Salting the Horse’s Food
Those fundamental skills are only part of what students take with them from an internship, Dunlap and Schlosser emphasize. People and life skills are important part of the training, too.
Schlosser says he felt “totally prepared” for the grind of the mainstream workforce after reporting to cardiac rehab training eight hours a day, five days a week for 12 weeks. The schedule made him appreciate the value in prioritizing rest and going to bed at a decent time, for example, so that he could perform at his best the next day on the rehab floor. Importantly, he adds, he learned to “read” people. “It taught me how to communicate with and work alongside other healthcare professionals,” he explains. “It also taught me how to handle all different types of people because, with patients, you have a lot of different personalities. Some like to talk, others like to be left alone.”
True, Dunlap co-signs, but he says people skills go beyond even that. At CarolinaEast's cardiac rehab, the goal is to instill confidence in future CR professionals and “empower [them] to empower the patients.” Having the technical skills is one thing, he asserts, but it isn’t impactful without the ability to motivate people. He references a common idiom: You can lead a horse to water, but you can’t make it drink. “Our job is to salt the horse’s food!” Dunlap argues. “So, when you’re talking to people who’ve smoked their whole lives, been obese and haven’t exercised one step, you’d better have a pretty good sales pitch. All these blood pressure skills and EKG rhythm skills, knowing all the numbers for diabetes and so on … it isn’t going to mean a whole heck of a lot if you can’t convince the person that we can’t do it for them.” And that’s the ultimate skill he hopes interns will garner from their time in his program: the ability to cite the science to patients and persuade them to consider making very important changes, with the help of a cardiac rehab professional.

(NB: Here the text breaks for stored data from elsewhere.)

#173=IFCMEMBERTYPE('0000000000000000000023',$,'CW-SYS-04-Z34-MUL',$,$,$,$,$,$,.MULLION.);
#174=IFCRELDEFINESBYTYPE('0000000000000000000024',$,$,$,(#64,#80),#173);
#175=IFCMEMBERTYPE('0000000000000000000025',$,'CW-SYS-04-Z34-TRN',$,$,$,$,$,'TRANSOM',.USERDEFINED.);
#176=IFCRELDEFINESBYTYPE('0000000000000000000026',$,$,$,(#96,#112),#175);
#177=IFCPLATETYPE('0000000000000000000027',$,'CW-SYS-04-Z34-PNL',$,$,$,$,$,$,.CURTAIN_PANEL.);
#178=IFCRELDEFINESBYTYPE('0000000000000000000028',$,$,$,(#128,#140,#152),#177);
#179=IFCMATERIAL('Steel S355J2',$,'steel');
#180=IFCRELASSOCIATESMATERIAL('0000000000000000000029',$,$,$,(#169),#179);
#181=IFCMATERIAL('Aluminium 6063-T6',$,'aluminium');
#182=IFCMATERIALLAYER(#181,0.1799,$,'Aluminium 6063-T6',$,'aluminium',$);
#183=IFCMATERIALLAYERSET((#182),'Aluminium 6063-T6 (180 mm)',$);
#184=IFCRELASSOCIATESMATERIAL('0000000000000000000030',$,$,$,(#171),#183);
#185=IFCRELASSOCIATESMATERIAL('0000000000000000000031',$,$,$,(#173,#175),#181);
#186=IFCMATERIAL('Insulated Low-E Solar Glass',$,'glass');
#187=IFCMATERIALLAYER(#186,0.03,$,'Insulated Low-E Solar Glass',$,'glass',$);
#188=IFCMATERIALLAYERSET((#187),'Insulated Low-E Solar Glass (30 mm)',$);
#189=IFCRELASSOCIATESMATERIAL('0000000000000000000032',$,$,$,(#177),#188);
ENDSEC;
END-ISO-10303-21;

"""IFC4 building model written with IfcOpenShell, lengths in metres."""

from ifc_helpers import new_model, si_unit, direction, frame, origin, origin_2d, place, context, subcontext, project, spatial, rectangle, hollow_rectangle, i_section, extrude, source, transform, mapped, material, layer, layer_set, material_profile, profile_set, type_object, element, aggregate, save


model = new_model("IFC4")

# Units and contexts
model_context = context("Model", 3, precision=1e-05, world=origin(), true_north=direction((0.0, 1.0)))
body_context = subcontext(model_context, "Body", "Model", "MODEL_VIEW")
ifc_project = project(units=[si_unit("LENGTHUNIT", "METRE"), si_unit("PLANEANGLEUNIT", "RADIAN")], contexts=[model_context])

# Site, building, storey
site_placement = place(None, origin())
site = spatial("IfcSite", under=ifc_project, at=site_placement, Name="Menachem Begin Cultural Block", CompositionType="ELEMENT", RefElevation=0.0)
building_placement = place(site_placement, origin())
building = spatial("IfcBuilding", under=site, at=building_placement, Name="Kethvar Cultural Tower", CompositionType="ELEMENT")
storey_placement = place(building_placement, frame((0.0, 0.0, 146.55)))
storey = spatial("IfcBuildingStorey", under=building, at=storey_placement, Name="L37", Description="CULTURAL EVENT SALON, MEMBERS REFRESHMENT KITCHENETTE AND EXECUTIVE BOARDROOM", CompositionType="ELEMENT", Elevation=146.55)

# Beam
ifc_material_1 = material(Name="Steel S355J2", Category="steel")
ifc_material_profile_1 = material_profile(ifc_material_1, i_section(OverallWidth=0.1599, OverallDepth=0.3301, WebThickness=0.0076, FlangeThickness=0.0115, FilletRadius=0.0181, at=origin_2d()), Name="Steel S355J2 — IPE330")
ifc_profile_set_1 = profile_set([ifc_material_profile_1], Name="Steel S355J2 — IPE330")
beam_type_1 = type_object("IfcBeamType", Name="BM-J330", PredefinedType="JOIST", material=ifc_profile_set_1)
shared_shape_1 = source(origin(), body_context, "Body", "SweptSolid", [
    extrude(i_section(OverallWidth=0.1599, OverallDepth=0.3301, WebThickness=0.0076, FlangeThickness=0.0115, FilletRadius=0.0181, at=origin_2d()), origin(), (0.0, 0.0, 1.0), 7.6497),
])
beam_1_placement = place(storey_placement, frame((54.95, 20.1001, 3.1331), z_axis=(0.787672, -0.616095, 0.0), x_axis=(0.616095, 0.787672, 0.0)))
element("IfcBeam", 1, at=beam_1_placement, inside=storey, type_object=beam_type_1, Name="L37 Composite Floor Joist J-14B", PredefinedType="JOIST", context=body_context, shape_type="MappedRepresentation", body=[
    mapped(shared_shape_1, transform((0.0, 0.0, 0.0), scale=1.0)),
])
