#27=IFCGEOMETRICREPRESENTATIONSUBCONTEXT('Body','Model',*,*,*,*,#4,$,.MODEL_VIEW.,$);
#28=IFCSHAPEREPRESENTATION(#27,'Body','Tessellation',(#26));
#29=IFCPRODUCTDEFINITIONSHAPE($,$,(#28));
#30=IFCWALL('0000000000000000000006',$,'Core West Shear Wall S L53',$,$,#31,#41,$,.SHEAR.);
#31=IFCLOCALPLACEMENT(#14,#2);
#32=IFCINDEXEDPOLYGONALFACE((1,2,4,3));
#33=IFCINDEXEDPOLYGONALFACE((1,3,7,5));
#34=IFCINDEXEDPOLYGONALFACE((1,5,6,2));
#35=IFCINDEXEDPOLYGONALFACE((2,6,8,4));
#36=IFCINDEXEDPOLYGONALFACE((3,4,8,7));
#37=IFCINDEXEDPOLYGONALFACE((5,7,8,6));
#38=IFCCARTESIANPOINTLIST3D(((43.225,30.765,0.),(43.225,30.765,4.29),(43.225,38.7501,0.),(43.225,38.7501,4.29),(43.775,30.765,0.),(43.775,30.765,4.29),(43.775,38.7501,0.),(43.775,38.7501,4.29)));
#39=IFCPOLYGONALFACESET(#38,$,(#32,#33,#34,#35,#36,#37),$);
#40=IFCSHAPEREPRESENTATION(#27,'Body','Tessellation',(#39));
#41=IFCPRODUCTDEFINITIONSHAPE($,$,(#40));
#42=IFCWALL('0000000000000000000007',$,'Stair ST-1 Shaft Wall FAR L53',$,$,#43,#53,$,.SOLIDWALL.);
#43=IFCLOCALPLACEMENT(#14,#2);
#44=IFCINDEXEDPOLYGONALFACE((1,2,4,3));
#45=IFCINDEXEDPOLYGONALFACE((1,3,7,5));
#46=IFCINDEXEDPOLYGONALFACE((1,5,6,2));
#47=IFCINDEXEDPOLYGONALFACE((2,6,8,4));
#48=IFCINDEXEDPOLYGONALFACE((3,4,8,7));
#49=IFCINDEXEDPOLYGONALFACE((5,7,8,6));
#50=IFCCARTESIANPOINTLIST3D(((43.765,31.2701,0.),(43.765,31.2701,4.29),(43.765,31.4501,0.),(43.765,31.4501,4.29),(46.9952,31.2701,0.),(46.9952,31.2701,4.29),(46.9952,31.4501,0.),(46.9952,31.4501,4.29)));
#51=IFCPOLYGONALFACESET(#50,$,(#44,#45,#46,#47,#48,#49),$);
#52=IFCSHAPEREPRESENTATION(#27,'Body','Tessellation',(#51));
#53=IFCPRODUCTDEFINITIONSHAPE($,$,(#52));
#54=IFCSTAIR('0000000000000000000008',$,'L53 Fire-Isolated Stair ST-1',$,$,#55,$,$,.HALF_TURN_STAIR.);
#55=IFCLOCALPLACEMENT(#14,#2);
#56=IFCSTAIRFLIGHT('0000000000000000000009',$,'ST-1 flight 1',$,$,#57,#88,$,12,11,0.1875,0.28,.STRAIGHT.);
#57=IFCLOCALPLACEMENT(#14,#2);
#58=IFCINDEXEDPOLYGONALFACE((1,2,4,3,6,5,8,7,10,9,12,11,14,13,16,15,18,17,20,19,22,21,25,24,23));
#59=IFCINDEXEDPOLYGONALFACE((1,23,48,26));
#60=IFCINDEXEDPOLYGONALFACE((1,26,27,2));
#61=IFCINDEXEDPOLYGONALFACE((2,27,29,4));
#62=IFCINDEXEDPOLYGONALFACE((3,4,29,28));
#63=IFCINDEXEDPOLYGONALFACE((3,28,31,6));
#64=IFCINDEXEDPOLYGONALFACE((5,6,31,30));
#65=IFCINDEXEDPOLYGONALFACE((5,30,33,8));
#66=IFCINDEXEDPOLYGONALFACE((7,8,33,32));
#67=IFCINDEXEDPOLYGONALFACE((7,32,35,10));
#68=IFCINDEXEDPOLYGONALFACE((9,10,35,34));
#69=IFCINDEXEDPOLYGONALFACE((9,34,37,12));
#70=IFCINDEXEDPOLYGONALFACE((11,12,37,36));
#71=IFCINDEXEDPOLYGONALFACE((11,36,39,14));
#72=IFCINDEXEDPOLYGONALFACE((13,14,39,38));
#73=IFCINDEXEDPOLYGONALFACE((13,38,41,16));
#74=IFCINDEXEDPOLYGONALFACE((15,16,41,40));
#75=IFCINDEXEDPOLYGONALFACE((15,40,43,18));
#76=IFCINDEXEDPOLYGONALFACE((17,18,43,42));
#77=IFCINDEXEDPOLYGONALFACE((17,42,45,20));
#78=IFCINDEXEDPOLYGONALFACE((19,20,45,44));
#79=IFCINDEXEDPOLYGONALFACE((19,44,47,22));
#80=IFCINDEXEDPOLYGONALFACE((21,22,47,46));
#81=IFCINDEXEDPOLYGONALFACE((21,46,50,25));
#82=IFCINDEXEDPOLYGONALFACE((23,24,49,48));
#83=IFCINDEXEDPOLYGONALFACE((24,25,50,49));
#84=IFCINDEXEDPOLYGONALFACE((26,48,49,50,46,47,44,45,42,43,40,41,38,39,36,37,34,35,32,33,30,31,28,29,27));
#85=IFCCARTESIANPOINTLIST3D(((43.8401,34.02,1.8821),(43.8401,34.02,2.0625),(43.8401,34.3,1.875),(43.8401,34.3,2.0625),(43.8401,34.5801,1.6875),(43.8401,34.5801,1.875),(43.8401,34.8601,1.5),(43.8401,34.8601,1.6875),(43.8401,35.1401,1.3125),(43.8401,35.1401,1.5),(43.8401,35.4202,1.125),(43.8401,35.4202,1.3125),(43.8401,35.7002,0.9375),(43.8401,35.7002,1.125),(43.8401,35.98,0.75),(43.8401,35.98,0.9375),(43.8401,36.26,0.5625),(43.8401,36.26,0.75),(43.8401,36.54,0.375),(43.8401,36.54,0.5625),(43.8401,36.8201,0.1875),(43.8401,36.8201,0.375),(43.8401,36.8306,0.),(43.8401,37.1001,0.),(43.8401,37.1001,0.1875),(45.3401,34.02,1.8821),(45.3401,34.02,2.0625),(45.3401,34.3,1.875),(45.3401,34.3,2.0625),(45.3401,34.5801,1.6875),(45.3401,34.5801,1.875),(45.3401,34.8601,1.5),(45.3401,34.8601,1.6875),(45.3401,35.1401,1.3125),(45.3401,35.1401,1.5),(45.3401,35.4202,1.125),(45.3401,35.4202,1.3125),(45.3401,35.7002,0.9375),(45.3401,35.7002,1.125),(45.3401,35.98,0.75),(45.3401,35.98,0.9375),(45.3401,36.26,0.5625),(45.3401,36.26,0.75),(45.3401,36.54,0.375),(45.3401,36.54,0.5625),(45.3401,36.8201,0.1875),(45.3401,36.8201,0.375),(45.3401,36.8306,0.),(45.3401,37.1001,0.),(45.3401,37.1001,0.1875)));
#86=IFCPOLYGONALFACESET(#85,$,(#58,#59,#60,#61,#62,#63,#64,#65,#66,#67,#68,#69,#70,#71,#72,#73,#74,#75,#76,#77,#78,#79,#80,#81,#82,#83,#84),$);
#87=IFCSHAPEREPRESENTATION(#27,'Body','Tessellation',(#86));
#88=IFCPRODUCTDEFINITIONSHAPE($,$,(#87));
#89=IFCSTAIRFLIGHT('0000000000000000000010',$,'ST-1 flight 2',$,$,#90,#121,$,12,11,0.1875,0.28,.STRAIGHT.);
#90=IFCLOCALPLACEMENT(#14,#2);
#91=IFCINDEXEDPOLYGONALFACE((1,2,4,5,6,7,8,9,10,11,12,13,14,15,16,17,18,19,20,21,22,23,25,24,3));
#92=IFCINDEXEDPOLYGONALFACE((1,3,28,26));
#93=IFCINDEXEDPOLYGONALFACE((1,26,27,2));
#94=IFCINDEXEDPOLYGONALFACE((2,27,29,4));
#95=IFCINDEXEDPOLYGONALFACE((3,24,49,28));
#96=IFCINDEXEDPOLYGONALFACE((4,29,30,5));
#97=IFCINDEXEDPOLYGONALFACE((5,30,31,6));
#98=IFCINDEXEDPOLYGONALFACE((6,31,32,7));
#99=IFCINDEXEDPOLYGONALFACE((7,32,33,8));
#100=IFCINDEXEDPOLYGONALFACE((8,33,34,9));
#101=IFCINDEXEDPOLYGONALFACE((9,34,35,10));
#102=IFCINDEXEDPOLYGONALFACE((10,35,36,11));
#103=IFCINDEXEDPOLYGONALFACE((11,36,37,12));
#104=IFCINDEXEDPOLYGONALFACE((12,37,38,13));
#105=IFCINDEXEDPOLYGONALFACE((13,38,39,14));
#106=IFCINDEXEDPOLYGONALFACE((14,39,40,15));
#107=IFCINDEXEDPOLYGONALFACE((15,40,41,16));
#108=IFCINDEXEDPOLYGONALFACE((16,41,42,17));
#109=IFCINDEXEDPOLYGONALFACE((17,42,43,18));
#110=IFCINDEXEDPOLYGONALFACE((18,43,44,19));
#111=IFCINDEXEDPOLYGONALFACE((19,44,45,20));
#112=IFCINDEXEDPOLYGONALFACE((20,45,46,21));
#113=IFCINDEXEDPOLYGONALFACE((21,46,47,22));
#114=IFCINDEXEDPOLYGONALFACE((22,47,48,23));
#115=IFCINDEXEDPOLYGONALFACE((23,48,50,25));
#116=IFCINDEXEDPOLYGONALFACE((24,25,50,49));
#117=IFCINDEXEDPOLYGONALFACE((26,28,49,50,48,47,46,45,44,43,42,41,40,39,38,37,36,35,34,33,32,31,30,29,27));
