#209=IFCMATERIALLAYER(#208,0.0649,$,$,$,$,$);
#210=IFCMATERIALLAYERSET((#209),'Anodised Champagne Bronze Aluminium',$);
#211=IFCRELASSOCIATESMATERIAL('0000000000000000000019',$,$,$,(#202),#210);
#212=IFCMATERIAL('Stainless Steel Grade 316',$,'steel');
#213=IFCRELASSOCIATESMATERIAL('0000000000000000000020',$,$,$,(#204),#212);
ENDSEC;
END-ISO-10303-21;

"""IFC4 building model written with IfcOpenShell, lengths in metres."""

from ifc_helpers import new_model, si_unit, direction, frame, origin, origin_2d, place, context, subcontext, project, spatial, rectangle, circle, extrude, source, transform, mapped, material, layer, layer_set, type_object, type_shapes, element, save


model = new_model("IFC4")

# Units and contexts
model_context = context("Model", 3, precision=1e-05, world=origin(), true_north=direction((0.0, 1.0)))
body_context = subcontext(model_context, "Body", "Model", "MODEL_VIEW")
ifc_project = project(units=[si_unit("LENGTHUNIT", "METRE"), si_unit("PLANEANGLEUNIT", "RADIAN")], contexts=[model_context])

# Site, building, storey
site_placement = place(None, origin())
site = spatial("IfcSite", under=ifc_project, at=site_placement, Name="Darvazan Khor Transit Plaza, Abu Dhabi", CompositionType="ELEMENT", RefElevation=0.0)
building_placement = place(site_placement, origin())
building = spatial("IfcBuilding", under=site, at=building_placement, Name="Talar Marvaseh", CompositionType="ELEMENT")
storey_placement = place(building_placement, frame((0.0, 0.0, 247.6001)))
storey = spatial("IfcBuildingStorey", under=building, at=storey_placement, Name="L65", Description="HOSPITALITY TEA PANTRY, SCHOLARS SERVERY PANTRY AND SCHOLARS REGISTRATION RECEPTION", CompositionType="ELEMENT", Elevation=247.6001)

For all the benefits an internship offers students, Dunlap points out the advantages for host programs. He’s encountered some that view internships as a hindrance rather than a help. Contrary to the opinion that they create more work, he sees them as an asset. Interns provide busy programs with an extra pair of hands – for free! They generally do whatever’s asked of them – even the jobs the rehab staff don’t want to do themselves – and the patients tend to enjoy and appreciate their energy and enthusiasm. At the same time, Dunlap adds, the act of teaching by doing keeps rehab staff “on their toes” with best practices. Thus, he concludes, both intern and program win.
Cardiac rehabs that want to explore the possibilities should communicate that to the dean or chair of the exercise physiology program or whatever applicable major is offered at local colleges and universities, Dunlap suggests. He also urges them to find opportunities through AACVPR or state affiliate websites. After all, he says, “Students are our future; they’re the lifeblood of our profession!”